Я лег и взял книгу. Долго смотрел в страницу, но ничего так и не смог прочесть. Она не потребовала, как раньше, чтобы я потушил свет. Даже ее дыхания не было слышно. В комнате повисло тягостное молчание, просто необходимо было его прервать.
— Сянцзю, — сказал я решительно, положив книгу, — если ты чувствуешь, что все не так, давай разведемся.
— Сумасшедший! — она ответила вроде бы даже спокойно, словно предвидела, что я скажу. — Я два раза разводилась и теперь только вышла замуж и — снова? Чтобы надо мной все смеялись? Я все-таки живой человек или нет? — Она вдруг задохнулась. — Хватит с меня! Хватит с меня невезения, хватит неустроенности! Всю жизнь счастья не видала!
— Но что же делать? Ты ведь еще нестарая. — В моем сердце родилось какое-то новое чувство — то ли тревога, то ли жалость. — Если не хочешь ты, заявление подам я…
— Пойди подай! — Она зашевелилась под одеялом. — И как ты это объяснишь? Может, я чем не угодила? На основании чего ты будешь со мною разводиться?
— Да-да, все правильно! — торопливо сказал я. — В тебе недостатков нет, это я нехорош. Но есть закон: человек, который не в состоянии исполнять супружеские обязанности, не имеет права вступать в брак. А мы только после женитьбы узнали…
— Тю-тю-тю! — она пожала плечами. — Да, услышав про такое, весь народ смеяться будет. Люди начнут еще считать, что Хуан Сянцзю и хотела себе такого мужа заполучить…
— Да что здесь такого? Очень ясная причина!..
— По-твоему, то, что происходит у двоих под одеялом, должно быть ясно всем? Только начитавшийся книжек дурак вроде тебя может так думать!
Иногда ясному и простому вопросу не так-то просто подыскать такое же ясное и простое решение. Я понял, что и сейчас будет так.
— Ха-ха! — Я услышал столь хорошо знакомый мне язвительный смех. — Я уже все обдумала: мы поженились и при этом образовали из двух единоличных дворов одно товарищество. Разве не это мы называем семьей?
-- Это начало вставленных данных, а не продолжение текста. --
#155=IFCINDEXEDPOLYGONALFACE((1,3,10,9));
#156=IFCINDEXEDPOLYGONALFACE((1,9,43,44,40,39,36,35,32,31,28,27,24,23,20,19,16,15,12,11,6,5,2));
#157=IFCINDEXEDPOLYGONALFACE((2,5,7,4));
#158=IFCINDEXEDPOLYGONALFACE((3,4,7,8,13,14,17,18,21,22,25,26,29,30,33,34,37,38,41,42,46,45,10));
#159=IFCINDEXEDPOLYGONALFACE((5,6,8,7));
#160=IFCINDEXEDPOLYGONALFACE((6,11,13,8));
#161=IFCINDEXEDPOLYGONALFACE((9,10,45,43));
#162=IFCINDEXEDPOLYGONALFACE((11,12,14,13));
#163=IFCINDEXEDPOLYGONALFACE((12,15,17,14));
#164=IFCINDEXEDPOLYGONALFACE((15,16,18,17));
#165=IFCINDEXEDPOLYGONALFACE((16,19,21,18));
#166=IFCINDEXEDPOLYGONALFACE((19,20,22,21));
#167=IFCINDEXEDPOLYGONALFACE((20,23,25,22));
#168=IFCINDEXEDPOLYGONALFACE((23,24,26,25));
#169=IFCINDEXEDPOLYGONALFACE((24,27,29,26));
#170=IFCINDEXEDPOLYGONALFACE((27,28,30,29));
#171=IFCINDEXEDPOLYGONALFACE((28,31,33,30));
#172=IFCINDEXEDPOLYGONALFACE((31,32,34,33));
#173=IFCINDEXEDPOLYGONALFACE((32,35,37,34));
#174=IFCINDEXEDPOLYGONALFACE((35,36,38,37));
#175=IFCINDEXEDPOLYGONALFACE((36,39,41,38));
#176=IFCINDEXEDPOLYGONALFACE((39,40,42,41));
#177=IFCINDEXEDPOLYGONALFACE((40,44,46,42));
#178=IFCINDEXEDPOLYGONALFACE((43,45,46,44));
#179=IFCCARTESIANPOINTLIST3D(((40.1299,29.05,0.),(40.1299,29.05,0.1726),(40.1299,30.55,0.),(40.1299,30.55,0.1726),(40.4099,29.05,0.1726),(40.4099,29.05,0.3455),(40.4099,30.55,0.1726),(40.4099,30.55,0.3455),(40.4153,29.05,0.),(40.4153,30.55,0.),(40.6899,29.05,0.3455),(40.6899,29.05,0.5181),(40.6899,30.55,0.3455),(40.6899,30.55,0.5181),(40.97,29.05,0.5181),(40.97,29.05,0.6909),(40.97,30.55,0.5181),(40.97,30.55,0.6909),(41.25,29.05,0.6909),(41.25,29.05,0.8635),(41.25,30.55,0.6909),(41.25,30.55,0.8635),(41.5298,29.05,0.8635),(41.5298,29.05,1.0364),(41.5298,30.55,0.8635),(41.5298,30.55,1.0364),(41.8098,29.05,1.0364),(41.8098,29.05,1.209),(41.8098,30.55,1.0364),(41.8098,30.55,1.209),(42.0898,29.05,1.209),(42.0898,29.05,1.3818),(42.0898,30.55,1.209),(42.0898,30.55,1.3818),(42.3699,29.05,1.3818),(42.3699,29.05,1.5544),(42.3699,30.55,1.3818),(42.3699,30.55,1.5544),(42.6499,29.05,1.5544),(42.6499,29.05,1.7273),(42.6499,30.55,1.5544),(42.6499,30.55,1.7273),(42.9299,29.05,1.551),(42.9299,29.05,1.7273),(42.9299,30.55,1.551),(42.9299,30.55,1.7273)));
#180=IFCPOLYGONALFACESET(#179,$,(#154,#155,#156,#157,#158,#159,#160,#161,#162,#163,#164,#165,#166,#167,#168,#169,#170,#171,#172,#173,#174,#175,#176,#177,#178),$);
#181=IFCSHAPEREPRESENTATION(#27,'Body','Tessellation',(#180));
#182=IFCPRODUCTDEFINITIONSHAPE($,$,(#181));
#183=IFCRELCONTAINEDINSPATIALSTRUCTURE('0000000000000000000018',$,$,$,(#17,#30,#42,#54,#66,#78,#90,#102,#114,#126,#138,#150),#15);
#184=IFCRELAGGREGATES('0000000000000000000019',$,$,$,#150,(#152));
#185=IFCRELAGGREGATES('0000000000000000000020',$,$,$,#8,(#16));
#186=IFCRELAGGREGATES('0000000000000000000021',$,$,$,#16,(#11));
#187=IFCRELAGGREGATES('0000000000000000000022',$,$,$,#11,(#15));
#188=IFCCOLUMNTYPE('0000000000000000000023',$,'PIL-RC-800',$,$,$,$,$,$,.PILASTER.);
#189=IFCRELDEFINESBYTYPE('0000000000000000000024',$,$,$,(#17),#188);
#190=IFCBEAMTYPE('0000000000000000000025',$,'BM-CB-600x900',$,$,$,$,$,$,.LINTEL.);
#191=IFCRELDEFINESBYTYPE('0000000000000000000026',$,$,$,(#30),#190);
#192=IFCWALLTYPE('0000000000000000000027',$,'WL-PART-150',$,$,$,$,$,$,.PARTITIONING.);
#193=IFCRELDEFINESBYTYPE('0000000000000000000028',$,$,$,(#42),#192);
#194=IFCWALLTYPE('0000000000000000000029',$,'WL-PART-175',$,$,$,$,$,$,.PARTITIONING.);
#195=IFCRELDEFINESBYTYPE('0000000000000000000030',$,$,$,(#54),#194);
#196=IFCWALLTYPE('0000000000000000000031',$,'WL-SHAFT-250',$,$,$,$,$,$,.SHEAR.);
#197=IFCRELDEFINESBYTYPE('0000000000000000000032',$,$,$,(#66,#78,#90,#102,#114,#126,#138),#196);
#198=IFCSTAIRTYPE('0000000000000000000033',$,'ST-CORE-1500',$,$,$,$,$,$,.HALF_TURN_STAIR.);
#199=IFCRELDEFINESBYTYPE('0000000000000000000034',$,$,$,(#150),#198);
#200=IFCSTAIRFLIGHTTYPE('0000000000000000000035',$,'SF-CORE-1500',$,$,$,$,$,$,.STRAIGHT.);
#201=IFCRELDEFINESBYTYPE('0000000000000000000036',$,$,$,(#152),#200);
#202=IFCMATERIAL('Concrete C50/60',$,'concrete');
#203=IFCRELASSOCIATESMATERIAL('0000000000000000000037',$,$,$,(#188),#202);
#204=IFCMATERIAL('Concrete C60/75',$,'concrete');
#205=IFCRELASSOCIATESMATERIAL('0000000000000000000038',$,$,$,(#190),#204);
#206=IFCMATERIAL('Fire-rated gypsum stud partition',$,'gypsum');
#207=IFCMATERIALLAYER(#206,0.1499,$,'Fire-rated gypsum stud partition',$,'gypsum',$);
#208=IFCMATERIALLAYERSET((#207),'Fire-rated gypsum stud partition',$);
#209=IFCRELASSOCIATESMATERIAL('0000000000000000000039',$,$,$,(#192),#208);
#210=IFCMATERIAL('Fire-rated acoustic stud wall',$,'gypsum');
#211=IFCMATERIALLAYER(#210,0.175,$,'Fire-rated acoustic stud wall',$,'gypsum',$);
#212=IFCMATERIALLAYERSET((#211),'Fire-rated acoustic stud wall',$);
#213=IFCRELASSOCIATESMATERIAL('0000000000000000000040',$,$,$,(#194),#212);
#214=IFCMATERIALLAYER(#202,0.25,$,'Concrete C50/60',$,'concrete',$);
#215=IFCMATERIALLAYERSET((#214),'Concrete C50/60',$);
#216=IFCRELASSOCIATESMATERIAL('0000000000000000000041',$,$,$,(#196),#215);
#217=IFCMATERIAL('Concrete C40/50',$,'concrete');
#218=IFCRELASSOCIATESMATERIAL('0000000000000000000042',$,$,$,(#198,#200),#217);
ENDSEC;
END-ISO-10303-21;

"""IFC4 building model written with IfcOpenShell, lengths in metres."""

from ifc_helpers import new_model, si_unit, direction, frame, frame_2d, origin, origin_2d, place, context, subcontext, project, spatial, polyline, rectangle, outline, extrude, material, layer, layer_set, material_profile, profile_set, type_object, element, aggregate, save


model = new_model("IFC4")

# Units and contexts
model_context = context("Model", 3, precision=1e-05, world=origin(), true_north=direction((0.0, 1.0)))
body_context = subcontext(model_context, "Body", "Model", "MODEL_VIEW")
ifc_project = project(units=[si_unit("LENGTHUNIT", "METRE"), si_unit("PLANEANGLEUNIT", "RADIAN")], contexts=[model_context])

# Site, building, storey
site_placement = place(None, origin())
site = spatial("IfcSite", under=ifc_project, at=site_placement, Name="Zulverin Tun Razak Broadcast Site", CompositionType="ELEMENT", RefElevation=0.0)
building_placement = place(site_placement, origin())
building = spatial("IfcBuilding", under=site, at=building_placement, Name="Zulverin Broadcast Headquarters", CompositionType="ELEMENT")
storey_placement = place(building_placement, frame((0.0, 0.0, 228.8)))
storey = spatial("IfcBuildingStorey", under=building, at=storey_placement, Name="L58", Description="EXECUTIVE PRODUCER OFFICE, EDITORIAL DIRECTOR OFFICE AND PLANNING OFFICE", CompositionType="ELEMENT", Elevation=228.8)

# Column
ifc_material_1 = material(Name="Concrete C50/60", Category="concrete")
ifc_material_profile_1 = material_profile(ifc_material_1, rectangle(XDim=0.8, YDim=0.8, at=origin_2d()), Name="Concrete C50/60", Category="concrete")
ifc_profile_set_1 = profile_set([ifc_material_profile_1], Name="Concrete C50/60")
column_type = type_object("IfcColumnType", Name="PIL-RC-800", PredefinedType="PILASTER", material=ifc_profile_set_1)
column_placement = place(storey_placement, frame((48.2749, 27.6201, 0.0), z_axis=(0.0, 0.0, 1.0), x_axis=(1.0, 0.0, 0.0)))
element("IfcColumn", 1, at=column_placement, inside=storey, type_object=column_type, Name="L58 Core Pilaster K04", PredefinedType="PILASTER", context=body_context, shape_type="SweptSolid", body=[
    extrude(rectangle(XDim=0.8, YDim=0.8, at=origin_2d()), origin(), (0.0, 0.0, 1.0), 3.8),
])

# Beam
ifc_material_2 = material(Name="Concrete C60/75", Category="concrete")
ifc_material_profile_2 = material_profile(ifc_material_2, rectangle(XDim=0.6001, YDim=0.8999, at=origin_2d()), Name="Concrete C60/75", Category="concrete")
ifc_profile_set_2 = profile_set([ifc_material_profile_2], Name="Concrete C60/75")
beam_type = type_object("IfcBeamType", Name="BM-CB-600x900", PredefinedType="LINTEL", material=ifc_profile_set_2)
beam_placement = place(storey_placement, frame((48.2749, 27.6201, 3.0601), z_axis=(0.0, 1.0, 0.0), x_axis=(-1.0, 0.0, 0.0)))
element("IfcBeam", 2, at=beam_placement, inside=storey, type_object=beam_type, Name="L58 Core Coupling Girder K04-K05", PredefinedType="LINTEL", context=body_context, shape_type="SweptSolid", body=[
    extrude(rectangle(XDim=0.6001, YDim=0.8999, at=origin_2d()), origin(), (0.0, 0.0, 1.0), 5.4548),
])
Будем жить как в общежитии, как когда-то я с тетушкой Ма, а ты — с Чжоу. В быту у нас полная взаимопомощь. Принести воду, хворост, раздобыть еду — все это очень важно, и всем этим больше занимаешься ты. Я готовлю, стираю, убираю. Ох… — Словно потеряв на секунду самоконтроль, она всхлипнула. — Ну что еще можно сделать? Господи, ну пожалуйста!.. Я надеялась, ждала, так хотела, чтобы у меня был хороший мужик… Ведь я все что надо умею делать, любого могу обслужить… Мы могли бы тихо и мирно прожить остаток жизни, не глядя на то, что они там делают со своей политикой. Ведь они все равно должны давать жить простым людям? Ведь без простых людей не будет и самого государства?! Мы могли бы укрыться в своем доме и тихо жить — без хлопот, неприятностей, не давая им повода трогать нас. Но, но… мне достался ты — урод несчастный! Разве ты мужик? Тетушка Ма говорит, что у тебя характер хороший, что ты добрый и все такое прочее! А я-то знаю, что в тебе нет ничего мужского! Я ведь слышала рассказы о таких, как ты, о евнухах хотя бы… Да если бы ты был настоящим мужчиной, то разве побоялся бы меня ударить, избить?!
Слезы все катились из моих глаз, и я ничего не мог с этим поделать. Мысли совсем запутались. Невыносимая боль придавила меня к лежанке. Лампа не была потушена, но глаза мои застилала тьма, в которой мерцали и сверкали тысячи ярких золотых звезд.